Fique atento a olhos que piscam a um ritmo idêntico ao longo do clip, ou a olhos que parecem ligeiramente vidrados ou planos em comparação com o resto do rosto. Os olhos naturais também captam luz e movem-se ligeiramente em conjunto — duas coisas que a IA por vezes erra.
Verifique se a boca corresponde ao áudio
Reproduza o vídeo com som e observe os lábios com atenção. Num vídeo real, a forma exata da boca corresponde a cada som pronunciado. Nos deepfakes, os movimentos labiais por vezes avançam ou atrasam ligeiramente em relação ao áudio, ou as formas não correspondem bem às palavras ditas.
Isto é mais fácil de apanhar nas consoantes fortes — as letras "p", "b" e "m" exigem que os lábios se juntem completamente. Se os lábios estiverem abertos quando ouve um desses sons, a sincronização está errada.
Observe a iluminação no rosto versus o fundo
A iluminação num vídeo real é consistente — se a sala está iluminada pela esquerda, o rosto deve ter sombra do lado direito, e tudo na cena deve seguir a mesma lógica. Nos deepfakes, a iluminação no rosto substituído muitas vezes não corresponde ao resto da cena.
O rosto pode parecer um pouco demasiado uniformemente iluminado, ou pode projetar uma sombra numa direção que não corresponde ao fundo. Esta discrepância é uma das coisas mais difíceis de falsificar de forma convincente para a IA.
Verifique o cabelo, óculos e joalharia
Os pequenos acessórios e detalhes finos são genuinamente difíceis para a IA manter de forma consistente ao longo de um vídeo. Fique atento a brincos que desfocam no pescoço ou cintilam, armações de óculos que distorcem onde cruzam o olho, colares que parecem fundir-se com a roupa, ou fios de cabelo individuais que parecem estranhamente lisos ou plásticos.

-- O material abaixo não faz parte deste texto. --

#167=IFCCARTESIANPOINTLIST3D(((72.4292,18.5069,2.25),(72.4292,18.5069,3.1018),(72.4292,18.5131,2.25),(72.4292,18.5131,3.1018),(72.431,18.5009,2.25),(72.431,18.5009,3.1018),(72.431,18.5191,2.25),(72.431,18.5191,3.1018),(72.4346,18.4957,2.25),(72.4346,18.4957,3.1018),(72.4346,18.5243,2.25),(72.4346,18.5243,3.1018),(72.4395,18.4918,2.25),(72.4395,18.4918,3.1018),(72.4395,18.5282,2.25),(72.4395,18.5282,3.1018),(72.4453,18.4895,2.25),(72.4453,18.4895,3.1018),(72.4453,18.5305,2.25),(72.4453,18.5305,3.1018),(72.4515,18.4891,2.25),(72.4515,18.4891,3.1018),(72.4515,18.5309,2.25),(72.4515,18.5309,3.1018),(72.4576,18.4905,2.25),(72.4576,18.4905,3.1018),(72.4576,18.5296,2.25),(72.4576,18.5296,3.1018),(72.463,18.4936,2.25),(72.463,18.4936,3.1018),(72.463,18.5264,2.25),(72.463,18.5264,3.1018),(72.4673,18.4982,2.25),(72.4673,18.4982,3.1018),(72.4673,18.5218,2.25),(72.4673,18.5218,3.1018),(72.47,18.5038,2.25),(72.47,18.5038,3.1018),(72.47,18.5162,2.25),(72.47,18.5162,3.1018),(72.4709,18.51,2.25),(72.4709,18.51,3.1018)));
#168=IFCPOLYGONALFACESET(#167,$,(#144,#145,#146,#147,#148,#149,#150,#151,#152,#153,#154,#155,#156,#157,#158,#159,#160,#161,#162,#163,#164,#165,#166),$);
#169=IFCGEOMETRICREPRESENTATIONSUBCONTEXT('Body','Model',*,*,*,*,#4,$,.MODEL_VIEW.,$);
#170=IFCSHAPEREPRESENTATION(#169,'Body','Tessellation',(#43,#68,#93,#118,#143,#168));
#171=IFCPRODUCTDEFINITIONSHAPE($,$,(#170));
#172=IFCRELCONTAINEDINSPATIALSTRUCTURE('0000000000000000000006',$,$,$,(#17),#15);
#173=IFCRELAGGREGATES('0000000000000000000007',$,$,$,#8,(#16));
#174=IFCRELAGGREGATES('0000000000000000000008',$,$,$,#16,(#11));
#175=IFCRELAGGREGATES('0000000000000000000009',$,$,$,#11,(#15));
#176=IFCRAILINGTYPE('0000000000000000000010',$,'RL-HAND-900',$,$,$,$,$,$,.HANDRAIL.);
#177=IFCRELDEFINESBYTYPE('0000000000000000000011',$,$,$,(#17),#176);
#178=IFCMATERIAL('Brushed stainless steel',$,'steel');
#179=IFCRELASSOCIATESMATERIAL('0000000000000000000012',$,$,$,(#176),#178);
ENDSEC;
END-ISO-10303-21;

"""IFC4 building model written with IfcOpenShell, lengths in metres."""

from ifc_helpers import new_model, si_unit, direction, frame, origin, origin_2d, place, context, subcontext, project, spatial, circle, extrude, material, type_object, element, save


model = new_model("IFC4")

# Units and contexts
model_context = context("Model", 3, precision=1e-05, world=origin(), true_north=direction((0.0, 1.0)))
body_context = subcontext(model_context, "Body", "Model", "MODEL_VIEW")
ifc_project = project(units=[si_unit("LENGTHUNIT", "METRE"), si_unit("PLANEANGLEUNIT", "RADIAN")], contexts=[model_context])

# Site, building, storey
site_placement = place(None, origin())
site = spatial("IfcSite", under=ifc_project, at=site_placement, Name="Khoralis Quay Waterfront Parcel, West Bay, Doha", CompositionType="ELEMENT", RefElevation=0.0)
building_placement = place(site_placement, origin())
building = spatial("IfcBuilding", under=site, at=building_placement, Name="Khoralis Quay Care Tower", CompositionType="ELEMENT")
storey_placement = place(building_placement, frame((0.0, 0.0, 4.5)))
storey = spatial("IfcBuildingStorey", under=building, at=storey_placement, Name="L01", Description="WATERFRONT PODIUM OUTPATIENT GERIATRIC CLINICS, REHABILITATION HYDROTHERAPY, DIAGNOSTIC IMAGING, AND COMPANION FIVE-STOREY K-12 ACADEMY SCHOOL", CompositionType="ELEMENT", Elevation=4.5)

Estes elementos devem permanecer estáveis e parecer naturais ao longo de todo o clip. Qualquer cintilação ou inconsistência num detalhe pequeno é digna de atenção.
Observe o fundo perto da cabeça
Quando a pessoa move a cabeça, observe a área do fundo imediatamente à volta e atrás dela. Os deepfakes por vezes fazem o fundo distorcer, ondular ou desfocar numa faixa que segue a borda da cabeça durante o movimento.
Isto é mais visível durante voltas ou acenos rápidos. Pausar num fotograma logo após um movimento rápido de cabeça torna muitas vezes esta distorção fácil de detetar.
Pergunte de onde veio o vídeo
Nenhuma verificação visual substitui a verificação da fonte. Antes de aceitar um vídeo chocante ou surpreendente como real, pergunte: quem publicou isto, em que conta e porquê? Um vídeo de uma celebridade a fazer uma declaração inesperada que aparece numa conta nova ou desconhecida, partilhado sem contexto, merece atenção redobrada.
As notícias de última hora reais e os momentos virais genuínos são rapidamente captados por muitas fontes. Se apenas uma conta está a partilhar um clip e não tem uma origem clara, pesquise o mesmo conteúdo noutros sítios antes de o tratar como real.
Quando Vários Sinais Apontam na Mesma Direção
Nenhum sinal isolado é prova por si só — alguns aparecem também em vídeos reais de baixa qualidade. Mas quando nota dois ou três destes sinais no mesmo clip, a probabilidade de manipulação aumenta significativamente.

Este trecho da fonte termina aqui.